Mounted at /content/gdrive


## Save `train_data.csv` to Google Drive

### Subtask:
Save the `train_data.csv` DataFrame to a CSV file in a designated folder within Google Drive.

#### Instructions
1. Specify the path to the desired saving location within your mounted Google Drive.
2. Use the `to_csv()` method on the `train` DataFrame to save it to the specified path.

**Reasoning**:
To save the `train` DataFrame to Google Drive, I need to define the save path and then use the `to_csv()` method.
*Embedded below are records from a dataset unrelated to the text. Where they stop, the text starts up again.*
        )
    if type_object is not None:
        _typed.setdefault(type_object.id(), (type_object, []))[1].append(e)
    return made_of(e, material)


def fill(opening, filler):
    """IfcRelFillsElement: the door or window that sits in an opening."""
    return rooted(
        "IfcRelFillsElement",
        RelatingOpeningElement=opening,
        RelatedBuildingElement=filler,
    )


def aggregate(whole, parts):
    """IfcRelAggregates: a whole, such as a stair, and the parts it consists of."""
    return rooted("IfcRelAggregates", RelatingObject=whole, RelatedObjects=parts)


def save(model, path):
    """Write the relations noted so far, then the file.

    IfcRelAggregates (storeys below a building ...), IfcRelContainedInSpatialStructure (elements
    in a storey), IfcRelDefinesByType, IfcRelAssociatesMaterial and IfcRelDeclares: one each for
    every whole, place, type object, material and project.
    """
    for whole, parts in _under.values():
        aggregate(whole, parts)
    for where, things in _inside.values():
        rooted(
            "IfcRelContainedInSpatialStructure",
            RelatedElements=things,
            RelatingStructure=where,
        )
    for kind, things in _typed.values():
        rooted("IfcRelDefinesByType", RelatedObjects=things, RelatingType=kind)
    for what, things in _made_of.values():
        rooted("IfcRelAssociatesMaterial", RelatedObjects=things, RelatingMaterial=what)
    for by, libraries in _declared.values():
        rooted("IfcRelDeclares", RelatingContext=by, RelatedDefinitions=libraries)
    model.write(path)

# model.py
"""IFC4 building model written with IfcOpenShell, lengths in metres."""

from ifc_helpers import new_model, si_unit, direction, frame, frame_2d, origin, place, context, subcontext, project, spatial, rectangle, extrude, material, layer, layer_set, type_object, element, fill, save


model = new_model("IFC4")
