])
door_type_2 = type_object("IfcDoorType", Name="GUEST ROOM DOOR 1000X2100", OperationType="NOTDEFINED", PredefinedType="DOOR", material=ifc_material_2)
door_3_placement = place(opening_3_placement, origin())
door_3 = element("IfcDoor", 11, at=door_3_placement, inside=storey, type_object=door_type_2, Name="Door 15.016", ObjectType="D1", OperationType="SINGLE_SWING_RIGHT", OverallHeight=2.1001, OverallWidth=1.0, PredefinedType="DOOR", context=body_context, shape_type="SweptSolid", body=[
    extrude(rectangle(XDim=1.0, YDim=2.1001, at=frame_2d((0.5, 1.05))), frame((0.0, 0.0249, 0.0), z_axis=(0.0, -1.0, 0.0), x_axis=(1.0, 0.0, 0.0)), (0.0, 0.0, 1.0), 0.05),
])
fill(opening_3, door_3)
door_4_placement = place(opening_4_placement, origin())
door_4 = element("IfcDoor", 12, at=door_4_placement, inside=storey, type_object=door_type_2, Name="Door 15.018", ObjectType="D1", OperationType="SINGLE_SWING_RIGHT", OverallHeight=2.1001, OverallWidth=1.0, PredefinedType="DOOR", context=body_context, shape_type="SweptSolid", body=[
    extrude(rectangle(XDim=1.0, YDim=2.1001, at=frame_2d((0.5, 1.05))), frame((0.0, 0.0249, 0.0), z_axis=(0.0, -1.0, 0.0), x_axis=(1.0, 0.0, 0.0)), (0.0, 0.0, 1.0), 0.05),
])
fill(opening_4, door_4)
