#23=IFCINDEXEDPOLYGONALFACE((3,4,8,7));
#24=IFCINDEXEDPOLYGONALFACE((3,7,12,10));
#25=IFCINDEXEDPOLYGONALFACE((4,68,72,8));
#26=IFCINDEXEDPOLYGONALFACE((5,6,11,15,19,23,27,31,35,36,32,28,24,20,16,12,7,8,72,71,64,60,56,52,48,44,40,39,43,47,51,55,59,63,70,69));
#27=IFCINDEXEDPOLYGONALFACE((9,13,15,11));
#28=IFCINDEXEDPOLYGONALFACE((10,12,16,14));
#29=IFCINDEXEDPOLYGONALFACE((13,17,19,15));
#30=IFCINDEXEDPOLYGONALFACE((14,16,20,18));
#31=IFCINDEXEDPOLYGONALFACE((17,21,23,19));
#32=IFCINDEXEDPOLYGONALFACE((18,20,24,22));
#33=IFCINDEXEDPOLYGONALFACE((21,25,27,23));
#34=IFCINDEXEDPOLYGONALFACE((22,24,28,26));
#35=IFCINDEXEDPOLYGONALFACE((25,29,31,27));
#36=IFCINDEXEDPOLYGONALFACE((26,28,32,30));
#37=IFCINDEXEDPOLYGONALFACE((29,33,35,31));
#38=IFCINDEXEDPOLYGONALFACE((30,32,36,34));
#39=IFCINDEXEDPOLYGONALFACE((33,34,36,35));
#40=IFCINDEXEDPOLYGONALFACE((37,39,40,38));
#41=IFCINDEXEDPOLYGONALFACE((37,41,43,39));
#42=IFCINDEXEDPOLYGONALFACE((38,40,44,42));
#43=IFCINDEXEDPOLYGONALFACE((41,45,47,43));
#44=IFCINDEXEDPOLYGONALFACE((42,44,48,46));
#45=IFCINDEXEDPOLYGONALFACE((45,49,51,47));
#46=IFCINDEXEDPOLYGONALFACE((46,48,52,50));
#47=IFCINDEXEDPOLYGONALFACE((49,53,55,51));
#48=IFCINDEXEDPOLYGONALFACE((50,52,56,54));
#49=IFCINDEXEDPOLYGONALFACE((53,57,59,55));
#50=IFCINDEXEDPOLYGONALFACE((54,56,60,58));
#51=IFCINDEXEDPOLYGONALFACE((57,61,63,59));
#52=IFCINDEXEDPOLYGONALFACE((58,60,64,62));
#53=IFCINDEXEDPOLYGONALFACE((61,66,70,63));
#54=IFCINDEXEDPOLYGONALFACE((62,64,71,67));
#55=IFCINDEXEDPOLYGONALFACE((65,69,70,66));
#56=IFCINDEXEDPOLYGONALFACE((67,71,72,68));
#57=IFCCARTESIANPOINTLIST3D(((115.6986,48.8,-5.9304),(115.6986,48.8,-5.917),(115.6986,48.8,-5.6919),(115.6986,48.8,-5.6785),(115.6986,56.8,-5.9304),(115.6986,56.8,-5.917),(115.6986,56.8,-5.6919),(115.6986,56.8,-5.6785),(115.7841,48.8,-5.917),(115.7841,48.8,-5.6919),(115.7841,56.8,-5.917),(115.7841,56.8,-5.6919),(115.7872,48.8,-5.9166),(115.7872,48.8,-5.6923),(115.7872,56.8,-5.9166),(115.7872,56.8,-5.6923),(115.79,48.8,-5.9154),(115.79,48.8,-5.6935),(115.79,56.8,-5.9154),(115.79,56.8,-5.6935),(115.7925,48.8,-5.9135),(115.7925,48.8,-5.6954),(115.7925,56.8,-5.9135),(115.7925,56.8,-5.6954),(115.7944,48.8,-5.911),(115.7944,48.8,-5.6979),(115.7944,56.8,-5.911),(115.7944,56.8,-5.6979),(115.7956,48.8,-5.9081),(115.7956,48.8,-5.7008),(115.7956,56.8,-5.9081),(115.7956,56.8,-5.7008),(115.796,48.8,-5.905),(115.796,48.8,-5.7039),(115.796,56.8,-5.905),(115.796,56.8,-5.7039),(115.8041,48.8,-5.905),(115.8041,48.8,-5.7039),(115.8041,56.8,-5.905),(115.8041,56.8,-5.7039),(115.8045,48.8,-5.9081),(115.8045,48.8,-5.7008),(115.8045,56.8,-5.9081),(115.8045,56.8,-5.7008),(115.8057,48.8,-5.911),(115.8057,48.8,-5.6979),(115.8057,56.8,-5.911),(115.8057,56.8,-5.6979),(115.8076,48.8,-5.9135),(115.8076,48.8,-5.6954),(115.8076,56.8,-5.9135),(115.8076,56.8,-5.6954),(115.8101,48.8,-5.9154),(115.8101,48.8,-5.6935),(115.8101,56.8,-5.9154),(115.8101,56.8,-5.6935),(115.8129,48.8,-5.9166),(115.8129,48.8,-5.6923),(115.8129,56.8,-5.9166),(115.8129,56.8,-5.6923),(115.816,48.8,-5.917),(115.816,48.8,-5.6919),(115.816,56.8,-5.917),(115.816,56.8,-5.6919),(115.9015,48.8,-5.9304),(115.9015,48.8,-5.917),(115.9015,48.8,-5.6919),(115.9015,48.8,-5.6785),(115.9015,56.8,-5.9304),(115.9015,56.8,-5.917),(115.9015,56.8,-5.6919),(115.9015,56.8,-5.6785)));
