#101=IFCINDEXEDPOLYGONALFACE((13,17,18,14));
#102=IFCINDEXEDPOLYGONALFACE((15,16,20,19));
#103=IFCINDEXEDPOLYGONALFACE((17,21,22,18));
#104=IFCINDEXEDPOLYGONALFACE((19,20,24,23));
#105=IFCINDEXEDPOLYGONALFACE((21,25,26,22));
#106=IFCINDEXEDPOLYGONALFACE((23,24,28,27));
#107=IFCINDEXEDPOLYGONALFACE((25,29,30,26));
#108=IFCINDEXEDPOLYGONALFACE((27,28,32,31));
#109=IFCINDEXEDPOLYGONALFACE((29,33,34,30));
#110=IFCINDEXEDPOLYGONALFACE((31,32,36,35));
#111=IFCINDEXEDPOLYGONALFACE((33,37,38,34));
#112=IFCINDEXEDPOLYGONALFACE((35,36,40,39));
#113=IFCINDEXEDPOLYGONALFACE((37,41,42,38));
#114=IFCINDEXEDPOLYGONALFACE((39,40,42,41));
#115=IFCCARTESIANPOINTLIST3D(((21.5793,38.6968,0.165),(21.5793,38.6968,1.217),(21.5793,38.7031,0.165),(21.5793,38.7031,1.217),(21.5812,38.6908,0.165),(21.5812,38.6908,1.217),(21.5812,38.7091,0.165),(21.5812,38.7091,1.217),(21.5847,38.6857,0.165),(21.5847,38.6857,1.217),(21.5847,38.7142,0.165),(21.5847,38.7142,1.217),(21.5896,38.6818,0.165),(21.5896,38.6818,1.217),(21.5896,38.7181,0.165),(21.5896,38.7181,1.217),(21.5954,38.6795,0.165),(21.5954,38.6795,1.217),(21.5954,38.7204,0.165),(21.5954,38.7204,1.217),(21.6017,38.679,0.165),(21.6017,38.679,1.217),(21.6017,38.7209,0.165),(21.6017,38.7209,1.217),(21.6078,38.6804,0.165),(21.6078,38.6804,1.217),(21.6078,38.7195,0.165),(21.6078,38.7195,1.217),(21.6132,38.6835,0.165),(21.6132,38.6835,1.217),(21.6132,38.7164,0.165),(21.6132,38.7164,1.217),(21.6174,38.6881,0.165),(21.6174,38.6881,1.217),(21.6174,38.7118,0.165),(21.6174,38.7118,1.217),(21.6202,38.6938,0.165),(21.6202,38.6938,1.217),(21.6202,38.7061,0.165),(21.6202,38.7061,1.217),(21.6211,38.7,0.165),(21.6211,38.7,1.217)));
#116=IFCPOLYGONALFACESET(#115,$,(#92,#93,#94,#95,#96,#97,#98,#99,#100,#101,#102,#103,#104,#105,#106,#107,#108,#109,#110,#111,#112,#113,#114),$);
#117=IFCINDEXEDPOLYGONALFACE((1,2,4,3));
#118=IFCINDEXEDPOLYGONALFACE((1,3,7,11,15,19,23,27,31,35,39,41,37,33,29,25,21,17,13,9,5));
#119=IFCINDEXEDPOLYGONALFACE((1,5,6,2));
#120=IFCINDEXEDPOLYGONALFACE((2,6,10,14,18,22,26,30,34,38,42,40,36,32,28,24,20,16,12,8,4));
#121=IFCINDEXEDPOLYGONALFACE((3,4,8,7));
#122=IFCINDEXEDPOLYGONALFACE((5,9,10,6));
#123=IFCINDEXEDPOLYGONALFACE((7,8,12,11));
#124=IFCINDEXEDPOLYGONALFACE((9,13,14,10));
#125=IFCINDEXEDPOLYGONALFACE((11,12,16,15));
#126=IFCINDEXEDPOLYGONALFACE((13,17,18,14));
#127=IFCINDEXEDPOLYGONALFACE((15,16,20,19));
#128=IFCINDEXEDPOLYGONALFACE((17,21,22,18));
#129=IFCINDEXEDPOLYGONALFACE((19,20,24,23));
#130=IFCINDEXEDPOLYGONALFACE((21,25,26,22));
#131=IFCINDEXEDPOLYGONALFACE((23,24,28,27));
It's also good practice to ensure the directory exists before saving.



In [17]:
import os

drive_path = '/content/gdrive/MyDrive/FinRL_Data/'
os.makedirs(drive_path, exist_ok=True)

train.to_csv(f'{drive_path}train_data.csv', index=False)
print(f"'train_data.csv' saved to {drive_path}")

'train_data.csv' saved to /content/gdrive/MyDrive/FinRL_Data/


## Save `trade_data.csv` to Google Drive

### Subtask:
Save the `trade_data.csv` DataFrame to a CSV file in the same designated folder within Google Drive.

#### Instructions
1. Use the `to_csv()` method on the `trade` DataFrame to save it to the specified path.

**Reasoning**:
To save the `trade` DataFrame to Google Drive, I will use the `to_csv()` method with the previously defined `drive_path`.



In [18]:
trade.to_csv(f'{drive_path}trade_data.csv', index=False)
print(f"'trade_data.csv' saved to {drive_path}")

'trade_data.csv' saved to /content/gdrive/MyDrive/FinRL_Data/


## Confirm Files Saved to Google Drive

### Subtask:
Verify that `train_data.csv` and `trade_data.csv` are present in the specified Google Drive folder.

#### Instructions
1. List the contents of the `drive_path` directory to confirm the presence of the saved CSV files.

**Reasoning**:
To confirm the files are saved, I will list the contents of the Google Drive path where the files were supposedly saved and check for their presence.



In [19]:
import os

# Ensure drive_path is accessible from previous cells or re-define if necessary
# drive_path = '/content/gdrive/MyDrive/FinRL_Data/'

# List contents of the directory
print(f"Contents of {drive_path}:")
print(os.listdir(drive_path))

# Verify files are present
expected_files = ['train_data.csv', 'trade_data.csv']
found_files = [f for f in expected_files if f in os.listdir(drive_path)]

if len(found_files) == len(expected_files):
    print("All expected files confirmed in Google Drive.")
else:
    print(f"Missing files: {set(expected_files) - set(found_files)}")

Contents of /content/gdrive/MyDrive/FinRL_Data/:
['train_data.csv', 'trade_data.csv']
All expected files confirmed in Google Drive.


## Summary:

### Data Analysis Key Findings
*   Google Drive was successfully mounted at `/content/gdrive`.
*   The `train_data.csv` file was successfully saved to `/content/gdrive/MyDrive/FinRL_Data/`.
*   The `trade_data.csv` file was successfully saved to `/content/gdrive/MyDrive/FinRL_Data/`.
*   Both `train_data.csv` and `trade_data.csv` were confirmed to be present in the specified Google Drive folder.

### Insights or Next Steps
*   The data persistence achieved by saving the CSV files to Google Drive ensures that the processed data is readily available for future sessions or collaborative work without reprocessing.
*   The saved data can now be easily accessed for subsequent steps in the FinRL project, such as model training or backtesting, directly from Google Drive.